In that same guidance, the orchestrator-workers shape is defined as a workflow in which “a central LLM dynamically breaks down tasks, delegates them to worker LLMs, and synthesizes their results,” which is the supervisor pattern with its control flow scripted. The practical lesson is that pinning the routing down is itself a containment move: it shrinks the set of paths a fault can take, which is why a reliability-conscious team often earns its way up the ladder, starting at the fixed-workflow end and adding dynamic delegation only where the extra capability pays for the wider failure surface.

Reading the reliability tax before you commit

Each pattern’s tax is a different metric to watch, and naming it tells you where to spend. The reads below reference the lane’s measurements by the angle each pattern needs; the canonical definition of each lives in the glossary.

A supervisor concentrates exposure at the hub, so the number that governs it is how far a single trusted merge reaches. That is blast radius read at one node, and it is the whole story of orchestrator-worker reliability: one verified return upstream of the merge caps the fan-out.

A sequential pipeline pays in depth. Because every stage builds on the output before it, the failure to watch is compounding error propagation down the line, and a single passing run does not establish reliability across repeated runs of the whole chain.

A swarm pays in attribution. When the handoff path changes every run, pinpointing which hop introduced a fault becomes the expensive problem, so failure attribution is the capability you must build in before the pattern is defensible.

A debate or voting panel pays in correlation. The failure the pattern hides is a shared blind spot dressed as agreement, the mechanism behind multi-agent debate failure, and the reason consensus and voting reliability turns on voter independence.

A blackboard pays globally. One bad write is topology-wide, so the architecture-level number that matters is the store’s cascade resistance, its tendency to damp a poisoned entry against its tendency to broadcast it.

None of these patterns is reliability-optimal on its own, and real systems are hybrids: an orchestrator whose workers are short chains, all writing to a shared board the orchestrator also reads. Decompose the hybrid into its primitives, find the tax each primitive levies, and let the matrix set the priorities.

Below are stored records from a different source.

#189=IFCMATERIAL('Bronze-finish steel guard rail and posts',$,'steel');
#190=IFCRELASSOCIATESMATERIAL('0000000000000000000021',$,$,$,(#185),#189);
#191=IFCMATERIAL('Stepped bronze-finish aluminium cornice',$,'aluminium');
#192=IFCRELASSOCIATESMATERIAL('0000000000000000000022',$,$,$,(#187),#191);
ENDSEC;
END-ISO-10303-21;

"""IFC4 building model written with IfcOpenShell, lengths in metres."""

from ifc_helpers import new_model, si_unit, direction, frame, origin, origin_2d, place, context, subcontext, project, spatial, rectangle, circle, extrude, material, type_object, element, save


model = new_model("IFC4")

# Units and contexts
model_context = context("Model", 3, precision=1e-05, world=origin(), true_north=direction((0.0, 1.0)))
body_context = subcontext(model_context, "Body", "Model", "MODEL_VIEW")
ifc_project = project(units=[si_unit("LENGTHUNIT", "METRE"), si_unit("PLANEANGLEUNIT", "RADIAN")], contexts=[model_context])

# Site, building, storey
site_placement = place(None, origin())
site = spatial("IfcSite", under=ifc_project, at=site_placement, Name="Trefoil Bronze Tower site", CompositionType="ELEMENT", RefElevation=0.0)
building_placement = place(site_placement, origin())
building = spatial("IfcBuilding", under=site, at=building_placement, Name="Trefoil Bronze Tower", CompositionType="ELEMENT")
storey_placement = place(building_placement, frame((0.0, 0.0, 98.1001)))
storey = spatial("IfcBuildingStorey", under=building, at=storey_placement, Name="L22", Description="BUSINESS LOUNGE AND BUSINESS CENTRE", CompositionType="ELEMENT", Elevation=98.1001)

Measure the pattern before you refactor it

Which pattern is more reliable for your workload is an empirical question you settle by injecting a fault and watching where it goes. Introduce a controlled fault at a known point in a candidate pattern, trace the set of agents it reaches, and repeat until the containment rate carries a confidence interval instead of a lone number. To compare two candidate patterns, put them on the same cascade-resistance axis, which tracks production reliability more faithfully than a single-run task score. The method itself is covered in agent reliability testing, and turning the traces into numbers you can defend is covered in how to measure agent reliability.

The reliability profiler this site points toward is a pre-launch instrument designed to place a fault inside a chosen orchestration pattern, follow its reach across the agents, and report a containment rate with a bootstrap interval; no per-pattern containment number is measured yet, so this page offers no measured rate. Until it ships, the matrix above is the working map and the failure-mode taxonomy is the mechanism under its columns; the research program will carry the measured per-pattern rates, each with its interval, as the profiler produces them.